* Code added to make Google search more likely. Mississippi Civil Rights--One Man, One Story: Freedom Riders in 1961

Thursday, November 15, 2007

Freedom Riders in 1961

A brief explanation of the Freedom Rider movement:

In 1961, an interracial group of CORE members and college students from the North traveled by bus down South to test the effectiveness of a 1960 Supreme Court decision which prohibited racial segregation in public accommodations, such as rest rooms, waiting rooms, and restaurants, that catered to interstate travelers. When they traveled into Alabama, the Freedom Riders were attacked and badly beaten, and CORE called the ride off. Other Civil Rights activists—many of them young members of the Student NonViolent Coordinating Committee (SNCC)—rushed to Alabama to continue the ride. They ran into trouble in Montgomery, Alabama, and the federal government had to send in U.S. marshals to protect the riders. The Freedom Rides continued into Mississippi, where they met with more resistance. By late August, 1961, more than 400 Freedom Riders had been arrested by the state of Mississippi. Images like this one of the burned bus, helped create sympathy for the non-violent Freedom Riders and their cause. This event drew national attention, especially from middle-class northerners who were shocked by the brutal violence they saw on television. As a result, Attorney General Robert F. Kennedy provided police escorts for the riders, although this did not prevent further violence.

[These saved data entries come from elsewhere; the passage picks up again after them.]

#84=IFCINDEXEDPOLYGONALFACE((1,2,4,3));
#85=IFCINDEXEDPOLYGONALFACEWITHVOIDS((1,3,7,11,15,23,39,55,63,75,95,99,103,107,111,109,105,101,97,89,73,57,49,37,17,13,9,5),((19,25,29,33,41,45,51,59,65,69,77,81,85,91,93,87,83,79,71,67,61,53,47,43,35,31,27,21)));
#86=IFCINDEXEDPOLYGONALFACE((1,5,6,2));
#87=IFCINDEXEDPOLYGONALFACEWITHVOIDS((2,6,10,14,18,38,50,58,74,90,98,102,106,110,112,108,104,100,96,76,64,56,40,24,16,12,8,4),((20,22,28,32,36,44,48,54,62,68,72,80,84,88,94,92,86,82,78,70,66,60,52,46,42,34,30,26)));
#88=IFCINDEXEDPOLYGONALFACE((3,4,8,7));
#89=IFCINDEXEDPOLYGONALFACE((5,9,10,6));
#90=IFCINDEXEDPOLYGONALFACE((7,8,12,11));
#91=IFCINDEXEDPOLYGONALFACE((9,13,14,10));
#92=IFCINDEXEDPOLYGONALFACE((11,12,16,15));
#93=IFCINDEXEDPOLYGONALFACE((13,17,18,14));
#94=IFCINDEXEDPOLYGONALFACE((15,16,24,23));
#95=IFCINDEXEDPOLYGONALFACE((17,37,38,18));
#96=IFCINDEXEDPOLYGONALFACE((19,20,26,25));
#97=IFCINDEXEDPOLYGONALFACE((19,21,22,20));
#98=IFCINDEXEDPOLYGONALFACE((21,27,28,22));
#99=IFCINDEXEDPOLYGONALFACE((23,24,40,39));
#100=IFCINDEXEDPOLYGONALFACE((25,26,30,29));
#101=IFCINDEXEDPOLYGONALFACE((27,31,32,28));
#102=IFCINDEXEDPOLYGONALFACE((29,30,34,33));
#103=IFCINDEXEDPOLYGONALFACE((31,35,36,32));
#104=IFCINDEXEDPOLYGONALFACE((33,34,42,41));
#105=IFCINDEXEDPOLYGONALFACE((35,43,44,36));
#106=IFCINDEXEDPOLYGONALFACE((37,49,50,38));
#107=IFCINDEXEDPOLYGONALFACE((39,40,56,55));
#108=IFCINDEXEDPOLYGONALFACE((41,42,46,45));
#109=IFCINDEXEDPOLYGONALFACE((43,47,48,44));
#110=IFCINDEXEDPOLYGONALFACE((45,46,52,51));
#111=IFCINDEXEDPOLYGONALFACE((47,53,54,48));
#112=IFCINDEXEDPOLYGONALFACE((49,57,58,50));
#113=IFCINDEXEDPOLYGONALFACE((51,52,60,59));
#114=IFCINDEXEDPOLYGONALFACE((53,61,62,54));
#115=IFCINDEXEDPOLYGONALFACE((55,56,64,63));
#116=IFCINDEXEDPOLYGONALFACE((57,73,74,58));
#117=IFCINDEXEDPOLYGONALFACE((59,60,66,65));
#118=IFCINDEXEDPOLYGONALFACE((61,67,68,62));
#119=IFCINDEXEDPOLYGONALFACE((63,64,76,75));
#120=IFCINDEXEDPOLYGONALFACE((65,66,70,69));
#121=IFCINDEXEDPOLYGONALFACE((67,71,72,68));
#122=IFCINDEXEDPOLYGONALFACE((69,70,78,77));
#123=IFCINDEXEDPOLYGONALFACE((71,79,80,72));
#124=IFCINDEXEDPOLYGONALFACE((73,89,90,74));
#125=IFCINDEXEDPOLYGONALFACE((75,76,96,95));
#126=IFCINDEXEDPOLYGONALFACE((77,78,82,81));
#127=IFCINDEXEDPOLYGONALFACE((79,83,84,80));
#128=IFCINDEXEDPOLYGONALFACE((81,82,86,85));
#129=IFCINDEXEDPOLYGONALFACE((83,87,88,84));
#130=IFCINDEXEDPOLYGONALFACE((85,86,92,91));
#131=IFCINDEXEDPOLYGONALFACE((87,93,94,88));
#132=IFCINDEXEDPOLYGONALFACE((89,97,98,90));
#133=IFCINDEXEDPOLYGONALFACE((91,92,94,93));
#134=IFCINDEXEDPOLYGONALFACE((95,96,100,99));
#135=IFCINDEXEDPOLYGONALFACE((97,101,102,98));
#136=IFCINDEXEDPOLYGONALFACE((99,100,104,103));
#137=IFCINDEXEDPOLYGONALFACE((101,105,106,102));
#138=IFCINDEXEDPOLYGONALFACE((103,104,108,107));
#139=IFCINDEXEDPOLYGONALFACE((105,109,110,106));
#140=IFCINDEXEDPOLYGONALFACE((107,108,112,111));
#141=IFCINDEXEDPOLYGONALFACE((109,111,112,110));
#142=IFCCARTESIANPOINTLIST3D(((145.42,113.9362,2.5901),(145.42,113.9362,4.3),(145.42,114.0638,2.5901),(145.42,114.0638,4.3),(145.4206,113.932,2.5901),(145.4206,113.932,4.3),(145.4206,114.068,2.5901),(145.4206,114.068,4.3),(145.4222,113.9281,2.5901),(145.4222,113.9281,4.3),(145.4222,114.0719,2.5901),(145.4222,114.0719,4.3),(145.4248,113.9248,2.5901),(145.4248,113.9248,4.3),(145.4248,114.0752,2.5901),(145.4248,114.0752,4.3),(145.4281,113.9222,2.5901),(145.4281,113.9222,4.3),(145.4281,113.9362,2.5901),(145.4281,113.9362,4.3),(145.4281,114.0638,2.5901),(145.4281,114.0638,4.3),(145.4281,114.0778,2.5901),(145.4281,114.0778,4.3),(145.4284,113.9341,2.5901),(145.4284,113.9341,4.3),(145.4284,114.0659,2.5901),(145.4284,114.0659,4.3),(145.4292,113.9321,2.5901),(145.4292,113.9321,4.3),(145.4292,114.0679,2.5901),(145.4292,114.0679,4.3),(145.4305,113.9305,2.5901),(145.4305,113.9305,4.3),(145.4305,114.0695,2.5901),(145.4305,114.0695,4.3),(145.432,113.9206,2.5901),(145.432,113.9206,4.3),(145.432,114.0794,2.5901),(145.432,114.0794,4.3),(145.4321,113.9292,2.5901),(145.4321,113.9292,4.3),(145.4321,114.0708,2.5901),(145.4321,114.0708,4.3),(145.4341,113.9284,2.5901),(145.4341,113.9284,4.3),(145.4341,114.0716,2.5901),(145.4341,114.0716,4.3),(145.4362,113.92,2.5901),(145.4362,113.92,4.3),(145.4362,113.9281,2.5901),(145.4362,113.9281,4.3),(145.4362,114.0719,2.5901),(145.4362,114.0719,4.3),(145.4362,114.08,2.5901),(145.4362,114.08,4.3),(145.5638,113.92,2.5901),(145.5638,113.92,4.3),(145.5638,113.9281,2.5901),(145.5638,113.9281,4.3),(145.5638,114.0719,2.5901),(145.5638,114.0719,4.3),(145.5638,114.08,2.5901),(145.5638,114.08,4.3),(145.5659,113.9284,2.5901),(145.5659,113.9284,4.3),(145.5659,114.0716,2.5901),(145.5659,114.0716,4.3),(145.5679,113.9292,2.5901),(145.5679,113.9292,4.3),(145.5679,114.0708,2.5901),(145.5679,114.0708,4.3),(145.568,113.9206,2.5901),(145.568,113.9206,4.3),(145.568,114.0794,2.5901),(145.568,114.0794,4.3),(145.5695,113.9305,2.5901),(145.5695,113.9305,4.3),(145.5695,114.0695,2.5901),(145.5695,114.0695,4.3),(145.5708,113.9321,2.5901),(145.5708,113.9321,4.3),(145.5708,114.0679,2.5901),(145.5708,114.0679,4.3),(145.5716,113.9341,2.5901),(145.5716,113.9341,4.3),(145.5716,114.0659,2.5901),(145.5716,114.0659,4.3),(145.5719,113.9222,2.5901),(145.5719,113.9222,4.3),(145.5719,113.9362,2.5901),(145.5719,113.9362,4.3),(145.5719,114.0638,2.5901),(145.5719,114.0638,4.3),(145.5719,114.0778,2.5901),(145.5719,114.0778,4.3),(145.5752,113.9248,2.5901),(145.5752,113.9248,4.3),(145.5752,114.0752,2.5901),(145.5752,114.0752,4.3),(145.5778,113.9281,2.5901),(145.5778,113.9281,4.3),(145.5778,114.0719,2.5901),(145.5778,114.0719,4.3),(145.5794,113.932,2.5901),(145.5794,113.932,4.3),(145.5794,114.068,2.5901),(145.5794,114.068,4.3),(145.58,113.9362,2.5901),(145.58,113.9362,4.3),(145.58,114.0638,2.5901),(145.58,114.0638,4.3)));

All of the above was "borrowed" from another spot on the internet. I'm certainly getting away from the original concept that this would be a blog about my father, but I'll eventually get back closer to home. I've found the identity of the preacher who was shot by the KKK after the FBI had been informed about a KKK hit list which included my dad, Father Law, this preacher and others. I'll write about that when I finally get some free time from all the work I'm doing at Millsaps.

One thing that is evident in everything I read about this era is that it was a dangerous time to go against the status quo. Not everyone one was shot, but the possibility existed. Not every home was bombed, but the possibility existed. Not every bus was burned, but the possibility existed. It really took courage and conviction to work for change and unfortunately, there are many black and white heroes from this era who have been totally forgotten. I think one of the problems is that most people just want to forget about this era as if it never happened, or many are reluctant to give credit to all because it would cut into the credit that they have taken for themselves.